Los gobiernos de todas las tendencias políticas se plantearon, primero, ampliarlo y se hicieron nuevos pabellones en su extensa área. Pero bien entrado el siglo XX, el edificio penitenciario ya no estaba aislado en esa zona de la ciudad; lo rodeaban avenidas, edificios modernos, autos, tranvías, buses y mucha, mucha gente. Había una ciudad palpitante a su alrededor. Y así fue visto, poco a poco, y luego con urgencia, como un verdadero estorbo para Lima.

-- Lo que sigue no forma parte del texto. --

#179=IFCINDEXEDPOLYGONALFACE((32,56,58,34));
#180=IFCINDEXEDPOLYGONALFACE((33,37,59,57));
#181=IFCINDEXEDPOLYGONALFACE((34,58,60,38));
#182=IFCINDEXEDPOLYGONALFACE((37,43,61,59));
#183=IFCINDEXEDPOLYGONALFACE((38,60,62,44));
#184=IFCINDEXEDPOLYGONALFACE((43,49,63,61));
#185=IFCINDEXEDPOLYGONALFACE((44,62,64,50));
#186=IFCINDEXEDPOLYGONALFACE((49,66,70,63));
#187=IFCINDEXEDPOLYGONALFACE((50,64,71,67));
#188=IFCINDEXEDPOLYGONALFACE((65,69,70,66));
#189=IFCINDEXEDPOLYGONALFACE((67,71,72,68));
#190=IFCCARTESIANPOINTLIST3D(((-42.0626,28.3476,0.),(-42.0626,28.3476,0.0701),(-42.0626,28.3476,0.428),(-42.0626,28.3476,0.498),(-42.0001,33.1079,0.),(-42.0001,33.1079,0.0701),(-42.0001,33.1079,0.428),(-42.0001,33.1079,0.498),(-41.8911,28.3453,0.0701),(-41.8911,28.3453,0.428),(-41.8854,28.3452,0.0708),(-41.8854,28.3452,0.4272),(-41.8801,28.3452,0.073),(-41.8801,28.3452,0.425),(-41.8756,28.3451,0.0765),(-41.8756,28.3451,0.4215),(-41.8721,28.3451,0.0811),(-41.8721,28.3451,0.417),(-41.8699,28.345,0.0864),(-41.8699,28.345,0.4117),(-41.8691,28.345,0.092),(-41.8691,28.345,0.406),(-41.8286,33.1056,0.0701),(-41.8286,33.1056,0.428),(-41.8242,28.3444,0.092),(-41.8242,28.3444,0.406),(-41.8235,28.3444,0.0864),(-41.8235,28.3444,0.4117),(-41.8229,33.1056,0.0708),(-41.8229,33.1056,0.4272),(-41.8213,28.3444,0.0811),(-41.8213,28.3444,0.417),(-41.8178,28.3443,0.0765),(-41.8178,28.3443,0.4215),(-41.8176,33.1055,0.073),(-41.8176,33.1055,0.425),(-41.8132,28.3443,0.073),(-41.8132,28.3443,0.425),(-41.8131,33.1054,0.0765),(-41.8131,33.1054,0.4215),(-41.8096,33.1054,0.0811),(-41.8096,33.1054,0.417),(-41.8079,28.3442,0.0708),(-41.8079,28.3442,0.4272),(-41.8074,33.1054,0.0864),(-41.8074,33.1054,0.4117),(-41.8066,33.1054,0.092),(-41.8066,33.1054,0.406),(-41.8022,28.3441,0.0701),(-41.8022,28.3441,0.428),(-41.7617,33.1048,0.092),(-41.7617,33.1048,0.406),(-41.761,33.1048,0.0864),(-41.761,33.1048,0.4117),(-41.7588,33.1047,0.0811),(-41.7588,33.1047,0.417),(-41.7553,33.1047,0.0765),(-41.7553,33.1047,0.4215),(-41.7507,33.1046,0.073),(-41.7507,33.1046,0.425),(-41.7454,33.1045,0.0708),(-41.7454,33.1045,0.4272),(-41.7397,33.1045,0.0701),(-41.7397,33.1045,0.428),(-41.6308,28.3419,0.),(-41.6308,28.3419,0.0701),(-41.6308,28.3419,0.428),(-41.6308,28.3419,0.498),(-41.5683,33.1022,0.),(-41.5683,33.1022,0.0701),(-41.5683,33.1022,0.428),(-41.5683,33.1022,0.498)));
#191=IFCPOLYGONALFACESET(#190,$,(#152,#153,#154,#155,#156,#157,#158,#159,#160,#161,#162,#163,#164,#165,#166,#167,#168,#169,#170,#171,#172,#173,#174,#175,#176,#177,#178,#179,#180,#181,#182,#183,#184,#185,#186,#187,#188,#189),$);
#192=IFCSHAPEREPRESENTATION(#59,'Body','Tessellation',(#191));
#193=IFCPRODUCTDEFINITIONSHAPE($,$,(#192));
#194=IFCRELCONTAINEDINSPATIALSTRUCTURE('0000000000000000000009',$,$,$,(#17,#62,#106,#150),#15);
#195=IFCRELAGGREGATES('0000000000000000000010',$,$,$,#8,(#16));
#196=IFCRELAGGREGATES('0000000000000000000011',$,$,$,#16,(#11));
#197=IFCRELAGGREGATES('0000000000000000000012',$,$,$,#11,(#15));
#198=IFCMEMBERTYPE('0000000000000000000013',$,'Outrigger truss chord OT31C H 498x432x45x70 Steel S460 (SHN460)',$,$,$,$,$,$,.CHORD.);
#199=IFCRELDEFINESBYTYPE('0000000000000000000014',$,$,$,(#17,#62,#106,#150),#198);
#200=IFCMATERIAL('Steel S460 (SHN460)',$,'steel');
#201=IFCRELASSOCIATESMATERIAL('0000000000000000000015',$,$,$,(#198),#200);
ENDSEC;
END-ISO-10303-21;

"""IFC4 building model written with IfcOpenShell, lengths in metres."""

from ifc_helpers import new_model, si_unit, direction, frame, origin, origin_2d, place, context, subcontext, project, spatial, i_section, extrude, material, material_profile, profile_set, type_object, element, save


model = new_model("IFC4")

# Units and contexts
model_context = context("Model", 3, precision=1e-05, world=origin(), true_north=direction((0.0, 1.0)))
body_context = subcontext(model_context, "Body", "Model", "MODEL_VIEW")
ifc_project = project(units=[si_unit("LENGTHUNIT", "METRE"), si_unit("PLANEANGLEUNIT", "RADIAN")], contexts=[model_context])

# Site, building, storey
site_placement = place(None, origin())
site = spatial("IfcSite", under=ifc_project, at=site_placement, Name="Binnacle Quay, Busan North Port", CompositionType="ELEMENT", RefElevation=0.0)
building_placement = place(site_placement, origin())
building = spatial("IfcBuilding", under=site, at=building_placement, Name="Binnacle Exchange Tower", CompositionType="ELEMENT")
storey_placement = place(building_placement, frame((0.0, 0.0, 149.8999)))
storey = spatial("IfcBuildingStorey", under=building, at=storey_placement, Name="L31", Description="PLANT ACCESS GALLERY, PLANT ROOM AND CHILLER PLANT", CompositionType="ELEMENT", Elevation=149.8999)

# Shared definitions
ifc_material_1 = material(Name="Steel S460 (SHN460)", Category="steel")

El cierre fue decisión del segundo gobierno de Manuel Prado (1956-1962). Pero había un problema: el traslado de los reclusos. ¿A dónde llevarlos? El gobierno decidió repartirlos en varios centros carcelarios. Uno de esos fue el penal de la isla de ‘El Frontón’; allí harían obras de ampliación para acoger a sus nuevos internos. Desde inicios de febrero de 1961, las obras en la isla penal avanzaron a buen ritmo.
La ‘Cárcel Central de Varones’ ocupaba un tercio de toda la manzana. Con 1.400 presos todo estaba hacinado. Las celdas eran pequeñas y los pabellones eran unos socavones. En un peor estado estaban las denominadas “celdas de castigo”. Justamente para ir disminuyendo esa presión interna por espacio en la ‘Cárcel Central de Varones’, las autoridades dieron libertad a mediados de junio de 1961 a unos 300 internos primarios, es decir, a sujetos de baja peligrosidad.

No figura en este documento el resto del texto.